# Pitboss 350 fan keeps running



## Jasonl636 (Aug 22, 2020)

as soon as I plug my grill it the fan starts running even when switch is off. 2nd problem. Thought I had bad igniter bc it was not heating up to ignite pellets. Installed new igniter and same problem.  Bad new igniter? I have double checked all my connections. Any help would be appreciated


----------



## TNJAKE (Aug 22, 2020)

I think you've done all you can do. Sounds like a short somewhere. Pitboss customer service is operated by dansons who makes Louisiana grills. Customer service is great. 5 year warranty. Give them a call. You probably need a new controller


----------



## Jasonl636 (Aug 22, 2020)

Thank you.. I just created a case with pit boss.
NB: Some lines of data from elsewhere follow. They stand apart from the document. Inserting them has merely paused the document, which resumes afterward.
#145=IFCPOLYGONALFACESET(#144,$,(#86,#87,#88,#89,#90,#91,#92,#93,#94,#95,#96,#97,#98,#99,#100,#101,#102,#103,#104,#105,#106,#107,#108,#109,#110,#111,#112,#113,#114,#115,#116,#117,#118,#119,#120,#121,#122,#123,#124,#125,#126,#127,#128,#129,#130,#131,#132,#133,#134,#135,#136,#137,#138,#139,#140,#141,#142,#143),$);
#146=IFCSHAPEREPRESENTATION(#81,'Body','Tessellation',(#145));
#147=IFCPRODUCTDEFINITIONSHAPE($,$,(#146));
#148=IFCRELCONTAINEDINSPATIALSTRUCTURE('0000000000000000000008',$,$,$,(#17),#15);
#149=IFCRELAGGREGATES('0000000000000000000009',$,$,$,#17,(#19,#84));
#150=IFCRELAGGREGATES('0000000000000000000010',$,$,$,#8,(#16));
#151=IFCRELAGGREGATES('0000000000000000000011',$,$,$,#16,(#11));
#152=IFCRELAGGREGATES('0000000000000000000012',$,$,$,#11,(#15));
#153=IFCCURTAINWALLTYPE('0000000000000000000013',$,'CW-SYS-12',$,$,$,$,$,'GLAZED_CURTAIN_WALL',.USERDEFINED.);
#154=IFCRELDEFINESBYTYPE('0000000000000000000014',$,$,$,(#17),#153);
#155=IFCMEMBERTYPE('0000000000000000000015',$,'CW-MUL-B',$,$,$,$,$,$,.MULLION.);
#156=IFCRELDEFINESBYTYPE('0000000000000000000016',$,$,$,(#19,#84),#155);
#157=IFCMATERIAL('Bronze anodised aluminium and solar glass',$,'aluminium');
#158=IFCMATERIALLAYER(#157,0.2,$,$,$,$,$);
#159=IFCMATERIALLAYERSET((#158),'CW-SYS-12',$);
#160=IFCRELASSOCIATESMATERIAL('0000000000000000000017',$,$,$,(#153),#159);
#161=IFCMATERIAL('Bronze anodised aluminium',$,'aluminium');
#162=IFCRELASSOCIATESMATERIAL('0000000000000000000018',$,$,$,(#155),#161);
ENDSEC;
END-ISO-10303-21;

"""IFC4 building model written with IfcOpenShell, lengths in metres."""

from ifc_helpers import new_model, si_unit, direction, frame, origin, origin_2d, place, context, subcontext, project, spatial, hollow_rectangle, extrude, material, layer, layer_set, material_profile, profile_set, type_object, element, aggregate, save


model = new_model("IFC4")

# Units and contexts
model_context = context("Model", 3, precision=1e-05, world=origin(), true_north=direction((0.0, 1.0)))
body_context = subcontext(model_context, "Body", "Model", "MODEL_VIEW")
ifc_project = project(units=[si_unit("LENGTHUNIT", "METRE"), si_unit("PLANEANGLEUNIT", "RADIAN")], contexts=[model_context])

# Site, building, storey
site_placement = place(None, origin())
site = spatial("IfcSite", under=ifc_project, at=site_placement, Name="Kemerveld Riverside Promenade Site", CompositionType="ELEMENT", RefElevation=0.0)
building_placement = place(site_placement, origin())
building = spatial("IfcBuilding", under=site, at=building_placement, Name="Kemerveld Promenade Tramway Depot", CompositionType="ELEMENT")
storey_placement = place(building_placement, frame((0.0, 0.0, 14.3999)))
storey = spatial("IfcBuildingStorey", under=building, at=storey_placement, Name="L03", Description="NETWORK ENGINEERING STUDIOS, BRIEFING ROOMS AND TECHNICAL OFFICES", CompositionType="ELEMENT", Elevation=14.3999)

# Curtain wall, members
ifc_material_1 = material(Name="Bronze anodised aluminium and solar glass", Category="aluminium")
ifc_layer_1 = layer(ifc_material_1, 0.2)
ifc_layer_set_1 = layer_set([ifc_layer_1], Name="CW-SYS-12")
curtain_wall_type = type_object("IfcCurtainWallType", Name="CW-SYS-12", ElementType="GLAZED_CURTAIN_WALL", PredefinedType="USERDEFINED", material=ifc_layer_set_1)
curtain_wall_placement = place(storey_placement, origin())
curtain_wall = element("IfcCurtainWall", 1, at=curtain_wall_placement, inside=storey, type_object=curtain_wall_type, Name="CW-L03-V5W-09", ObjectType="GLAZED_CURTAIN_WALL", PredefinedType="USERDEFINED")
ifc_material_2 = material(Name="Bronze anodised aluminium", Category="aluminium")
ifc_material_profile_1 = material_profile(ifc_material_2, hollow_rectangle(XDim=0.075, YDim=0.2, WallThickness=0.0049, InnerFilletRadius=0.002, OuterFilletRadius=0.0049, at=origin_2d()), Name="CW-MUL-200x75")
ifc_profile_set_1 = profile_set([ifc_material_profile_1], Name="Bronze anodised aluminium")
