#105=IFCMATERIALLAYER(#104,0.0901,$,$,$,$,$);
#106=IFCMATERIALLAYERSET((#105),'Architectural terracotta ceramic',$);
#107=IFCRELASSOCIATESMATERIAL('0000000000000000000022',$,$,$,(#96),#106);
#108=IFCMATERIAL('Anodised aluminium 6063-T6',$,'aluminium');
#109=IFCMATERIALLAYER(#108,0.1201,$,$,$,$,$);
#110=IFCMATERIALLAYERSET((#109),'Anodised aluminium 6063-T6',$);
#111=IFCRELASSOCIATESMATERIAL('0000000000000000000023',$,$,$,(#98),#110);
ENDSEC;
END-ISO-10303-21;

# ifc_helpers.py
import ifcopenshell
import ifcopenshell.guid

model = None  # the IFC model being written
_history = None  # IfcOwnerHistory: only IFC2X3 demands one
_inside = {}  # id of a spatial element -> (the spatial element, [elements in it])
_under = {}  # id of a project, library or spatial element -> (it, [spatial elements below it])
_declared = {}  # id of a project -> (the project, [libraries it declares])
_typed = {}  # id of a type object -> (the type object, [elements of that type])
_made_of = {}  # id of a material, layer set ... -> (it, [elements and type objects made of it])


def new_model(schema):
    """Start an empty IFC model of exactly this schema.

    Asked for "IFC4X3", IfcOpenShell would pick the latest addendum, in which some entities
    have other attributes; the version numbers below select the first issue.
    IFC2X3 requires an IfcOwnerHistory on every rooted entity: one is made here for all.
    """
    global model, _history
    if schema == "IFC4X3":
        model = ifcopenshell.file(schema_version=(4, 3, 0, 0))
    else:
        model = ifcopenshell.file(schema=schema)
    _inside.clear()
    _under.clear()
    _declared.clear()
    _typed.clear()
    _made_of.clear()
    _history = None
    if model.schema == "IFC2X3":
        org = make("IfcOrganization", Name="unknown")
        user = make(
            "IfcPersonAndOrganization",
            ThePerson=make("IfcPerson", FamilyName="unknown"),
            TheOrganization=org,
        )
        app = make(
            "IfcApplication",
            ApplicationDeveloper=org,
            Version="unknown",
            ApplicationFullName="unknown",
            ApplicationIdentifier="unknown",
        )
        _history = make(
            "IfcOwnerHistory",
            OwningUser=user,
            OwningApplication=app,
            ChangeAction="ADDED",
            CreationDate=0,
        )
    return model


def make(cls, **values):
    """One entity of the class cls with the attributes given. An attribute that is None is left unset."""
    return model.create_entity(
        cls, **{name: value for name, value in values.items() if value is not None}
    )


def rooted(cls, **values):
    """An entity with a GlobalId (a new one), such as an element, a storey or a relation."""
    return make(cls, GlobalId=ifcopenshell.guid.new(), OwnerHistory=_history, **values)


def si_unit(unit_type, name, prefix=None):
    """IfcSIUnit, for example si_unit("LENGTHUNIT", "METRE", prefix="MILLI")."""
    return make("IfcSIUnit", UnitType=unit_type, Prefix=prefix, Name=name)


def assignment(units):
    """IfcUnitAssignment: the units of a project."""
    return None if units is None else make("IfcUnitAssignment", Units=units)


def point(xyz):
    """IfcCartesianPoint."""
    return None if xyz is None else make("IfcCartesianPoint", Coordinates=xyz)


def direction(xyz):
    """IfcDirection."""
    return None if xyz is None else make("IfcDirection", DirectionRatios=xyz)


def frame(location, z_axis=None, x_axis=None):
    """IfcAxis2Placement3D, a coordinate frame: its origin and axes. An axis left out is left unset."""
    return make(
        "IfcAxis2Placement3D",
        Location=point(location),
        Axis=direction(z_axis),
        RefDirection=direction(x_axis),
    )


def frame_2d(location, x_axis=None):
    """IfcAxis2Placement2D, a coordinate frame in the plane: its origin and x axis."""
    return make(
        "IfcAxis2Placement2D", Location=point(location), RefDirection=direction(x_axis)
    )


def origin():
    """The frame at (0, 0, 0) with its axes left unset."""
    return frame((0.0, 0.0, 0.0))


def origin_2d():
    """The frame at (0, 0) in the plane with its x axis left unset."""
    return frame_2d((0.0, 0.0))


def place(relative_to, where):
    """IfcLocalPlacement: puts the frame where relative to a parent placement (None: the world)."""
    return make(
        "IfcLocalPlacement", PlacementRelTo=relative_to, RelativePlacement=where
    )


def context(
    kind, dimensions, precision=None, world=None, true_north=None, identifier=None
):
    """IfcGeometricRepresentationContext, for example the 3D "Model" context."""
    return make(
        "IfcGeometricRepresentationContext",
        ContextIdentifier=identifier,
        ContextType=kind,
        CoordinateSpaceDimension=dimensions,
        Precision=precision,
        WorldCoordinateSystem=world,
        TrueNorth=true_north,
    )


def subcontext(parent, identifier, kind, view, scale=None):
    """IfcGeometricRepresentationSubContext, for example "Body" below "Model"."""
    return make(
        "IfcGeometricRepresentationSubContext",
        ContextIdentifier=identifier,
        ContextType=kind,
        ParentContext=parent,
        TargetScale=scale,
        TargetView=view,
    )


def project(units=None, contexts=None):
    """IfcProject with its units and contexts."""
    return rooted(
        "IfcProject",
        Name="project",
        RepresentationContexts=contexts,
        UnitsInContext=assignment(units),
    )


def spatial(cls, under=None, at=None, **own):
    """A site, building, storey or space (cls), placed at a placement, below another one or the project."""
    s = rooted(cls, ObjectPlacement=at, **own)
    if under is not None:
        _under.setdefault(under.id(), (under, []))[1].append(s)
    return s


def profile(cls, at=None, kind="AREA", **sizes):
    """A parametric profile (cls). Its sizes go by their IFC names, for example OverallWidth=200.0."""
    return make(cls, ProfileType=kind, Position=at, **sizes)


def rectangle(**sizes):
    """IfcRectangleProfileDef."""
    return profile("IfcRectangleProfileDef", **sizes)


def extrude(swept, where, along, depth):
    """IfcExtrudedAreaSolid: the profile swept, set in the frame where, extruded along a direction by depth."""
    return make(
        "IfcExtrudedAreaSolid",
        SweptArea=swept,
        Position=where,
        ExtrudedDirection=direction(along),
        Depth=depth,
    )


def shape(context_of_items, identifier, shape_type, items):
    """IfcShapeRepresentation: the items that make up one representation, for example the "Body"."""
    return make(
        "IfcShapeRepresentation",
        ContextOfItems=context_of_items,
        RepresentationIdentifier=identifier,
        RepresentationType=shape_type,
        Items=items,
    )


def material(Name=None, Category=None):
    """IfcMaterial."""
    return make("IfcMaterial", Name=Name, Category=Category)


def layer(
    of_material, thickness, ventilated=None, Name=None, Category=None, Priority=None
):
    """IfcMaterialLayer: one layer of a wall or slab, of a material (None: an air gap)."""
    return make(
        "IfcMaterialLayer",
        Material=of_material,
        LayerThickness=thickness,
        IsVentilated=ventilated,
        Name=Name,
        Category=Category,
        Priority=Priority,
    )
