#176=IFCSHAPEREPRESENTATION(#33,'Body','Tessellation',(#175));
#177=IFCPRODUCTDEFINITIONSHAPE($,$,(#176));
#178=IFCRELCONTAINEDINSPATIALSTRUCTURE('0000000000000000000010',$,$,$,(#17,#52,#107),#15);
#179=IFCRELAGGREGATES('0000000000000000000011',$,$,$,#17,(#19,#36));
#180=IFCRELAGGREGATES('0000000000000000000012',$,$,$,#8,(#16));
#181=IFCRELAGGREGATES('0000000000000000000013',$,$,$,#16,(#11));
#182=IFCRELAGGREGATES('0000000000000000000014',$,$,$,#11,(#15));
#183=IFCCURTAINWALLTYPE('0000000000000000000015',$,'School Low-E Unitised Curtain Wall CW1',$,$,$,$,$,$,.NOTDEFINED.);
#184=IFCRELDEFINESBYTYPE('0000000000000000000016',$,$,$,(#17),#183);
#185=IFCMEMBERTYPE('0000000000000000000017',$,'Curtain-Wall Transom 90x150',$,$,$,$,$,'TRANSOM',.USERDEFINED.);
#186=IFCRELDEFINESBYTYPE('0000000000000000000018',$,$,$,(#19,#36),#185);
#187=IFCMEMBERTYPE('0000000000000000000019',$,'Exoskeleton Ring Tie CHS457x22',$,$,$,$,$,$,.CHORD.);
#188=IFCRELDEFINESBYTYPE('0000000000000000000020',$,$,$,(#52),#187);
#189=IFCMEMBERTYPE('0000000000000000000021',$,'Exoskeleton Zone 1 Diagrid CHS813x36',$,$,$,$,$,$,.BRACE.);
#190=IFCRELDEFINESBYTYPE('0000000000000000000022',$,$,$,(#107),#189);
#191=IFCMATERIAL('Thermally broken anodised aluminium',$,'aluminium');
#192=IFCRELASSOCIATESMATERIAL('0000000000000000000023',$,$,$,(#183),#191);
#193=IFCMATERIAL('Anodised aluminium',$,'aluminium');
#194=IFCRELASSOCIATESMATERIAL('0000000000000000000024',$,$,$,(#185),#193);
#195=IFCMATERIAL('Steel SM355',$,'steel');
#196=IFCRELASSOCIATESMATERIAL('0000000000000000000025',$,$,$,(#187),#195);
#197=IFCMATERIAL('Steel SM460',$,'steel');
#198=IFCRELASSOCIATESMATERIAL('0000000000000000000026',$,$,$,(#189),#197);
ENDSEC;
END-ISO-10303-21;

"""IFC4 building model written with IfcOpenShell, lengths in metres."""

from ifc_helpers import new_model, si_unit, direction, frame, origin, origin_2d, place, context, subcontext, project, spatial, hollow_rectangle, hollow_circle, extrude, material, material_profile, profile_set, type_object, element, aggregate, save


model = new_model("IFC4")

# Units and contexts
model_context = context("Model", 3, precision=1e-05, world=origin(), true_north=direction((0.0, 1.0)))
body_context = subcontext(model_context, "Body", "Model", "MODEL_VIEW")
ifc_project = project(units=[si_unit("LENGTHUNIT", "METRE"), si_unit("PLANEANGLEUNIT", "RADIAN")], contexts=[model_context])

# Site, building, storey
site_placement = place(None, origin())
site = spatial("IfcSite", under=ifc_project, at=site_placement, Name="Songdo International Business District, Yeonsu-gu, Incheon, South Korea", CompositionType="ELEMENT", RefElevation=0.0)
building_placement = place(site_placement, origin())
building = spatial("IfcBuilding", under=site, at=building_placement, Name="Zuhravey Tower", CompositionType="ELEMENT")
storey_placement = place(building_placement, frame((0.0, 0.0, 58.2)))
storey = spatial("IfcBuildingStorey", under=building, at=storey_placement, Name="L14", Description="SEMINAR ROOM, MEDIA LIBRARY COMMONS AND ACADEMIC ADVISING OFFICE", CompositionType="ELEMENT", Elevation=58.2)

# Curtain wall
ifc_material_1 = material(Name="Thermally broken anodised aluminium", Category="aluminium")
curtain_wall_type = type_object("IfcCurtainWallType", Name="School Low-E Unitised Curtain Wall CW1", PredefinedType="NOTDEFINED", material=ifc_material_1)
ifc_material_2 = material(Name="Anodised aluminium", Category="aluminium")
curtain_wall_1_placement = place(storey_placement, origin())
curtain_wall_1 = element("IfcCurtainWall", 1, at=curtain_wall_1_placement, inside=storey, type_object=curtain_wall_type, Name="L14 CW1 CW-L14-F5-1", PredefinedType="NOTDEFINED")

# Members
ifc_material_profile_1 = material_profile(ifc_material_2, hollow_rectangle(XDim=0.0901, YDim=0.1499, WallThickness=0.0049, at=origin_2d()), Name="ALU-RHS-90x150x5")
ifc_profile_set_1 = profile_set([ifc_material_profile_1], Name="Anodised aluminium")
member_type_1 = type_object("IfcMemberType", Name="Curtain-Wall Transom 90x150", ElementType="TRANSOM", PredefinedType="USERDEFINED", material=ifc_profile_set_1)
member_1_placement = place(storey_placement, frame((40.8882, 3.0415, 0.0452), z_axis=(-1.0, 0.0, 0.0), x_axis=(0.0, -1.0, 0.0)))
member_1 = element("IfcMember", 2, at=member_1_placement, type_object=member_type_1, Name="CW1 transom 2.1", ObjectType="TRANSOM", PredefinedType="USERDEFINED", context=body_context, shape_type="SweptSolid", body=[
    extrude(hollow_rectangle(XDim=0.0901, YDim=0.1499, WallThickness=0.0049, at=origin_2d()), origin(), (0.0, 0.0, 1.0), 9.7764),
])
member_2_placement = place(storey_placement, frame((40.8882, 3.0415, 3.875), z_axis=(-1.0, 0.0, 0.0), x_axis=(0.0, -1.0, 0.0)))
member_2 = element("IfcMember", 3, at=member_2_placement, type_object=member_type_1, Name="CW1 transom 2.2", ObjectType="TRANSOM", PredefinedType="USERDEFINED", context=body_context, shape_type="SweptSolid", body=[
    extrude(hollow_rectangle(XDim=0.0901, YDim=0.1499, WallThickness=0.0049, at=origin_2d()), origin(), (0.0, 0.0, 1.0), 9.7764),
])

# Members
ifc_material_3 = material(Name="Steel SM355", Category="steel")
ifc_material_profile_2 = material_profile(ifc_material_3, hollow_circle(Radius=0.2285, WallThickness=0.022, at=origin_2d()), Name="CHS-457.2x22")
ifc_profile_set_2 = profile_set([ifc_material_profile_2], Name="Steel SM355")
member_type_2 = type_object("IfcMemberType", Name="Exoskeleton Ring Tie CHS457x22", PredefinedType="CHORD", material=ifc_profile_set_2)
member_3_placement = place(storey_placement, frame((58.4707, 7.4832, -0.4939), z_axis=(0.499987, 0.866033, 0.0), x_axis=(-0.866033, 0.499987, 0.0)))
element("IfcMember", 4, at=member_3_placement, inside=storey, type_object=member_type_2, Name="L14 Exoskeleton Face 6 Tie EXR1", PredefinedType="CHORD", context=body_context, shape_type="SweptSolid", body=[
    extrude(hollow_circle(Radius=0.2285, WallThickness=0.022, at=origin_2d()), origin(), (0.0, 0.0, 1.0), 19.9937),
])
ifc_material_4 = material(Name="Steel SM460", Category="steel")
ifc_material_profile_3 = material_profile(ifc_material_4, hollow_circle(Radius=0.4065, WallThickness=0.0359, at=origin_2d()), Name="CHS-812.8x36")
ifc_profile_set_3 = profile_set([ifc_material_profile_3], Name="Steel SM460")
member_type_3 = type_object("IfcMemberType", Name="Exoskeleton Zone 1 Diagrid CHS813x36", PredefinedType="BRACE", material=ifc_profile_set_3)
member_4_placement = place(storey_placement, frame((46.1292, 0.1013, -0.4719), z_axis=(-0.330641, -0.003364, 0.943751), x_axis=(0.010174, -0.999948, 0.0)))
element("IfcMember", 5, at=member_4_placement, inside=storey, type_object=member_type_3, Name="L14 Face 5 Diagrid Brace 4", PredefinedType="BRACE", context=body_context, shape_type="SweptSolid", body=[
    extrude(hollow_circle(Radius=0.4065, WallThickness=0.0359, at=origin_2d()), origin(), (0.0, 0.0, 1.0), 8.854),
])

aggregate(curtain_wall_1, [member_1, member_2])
We'll see what happens


----------



## smokerjim (Aug 22, 2020)

agree with Jake, i have a pitboss and had a little trouble with my controller, 1 call and they sent a new one


----------



## Jasonl636 (Sep 19, 2020)

Tried emailing,  they sent a auto reply saying they would be in touch, week later nothing.  Tried calling was on hold 40 min 1st time, second time 1hr 28 min.  I gave up and took a chance and ordered new controller and its working great. I will never buy pit boss again just based on their customer service, or lack there of.


----------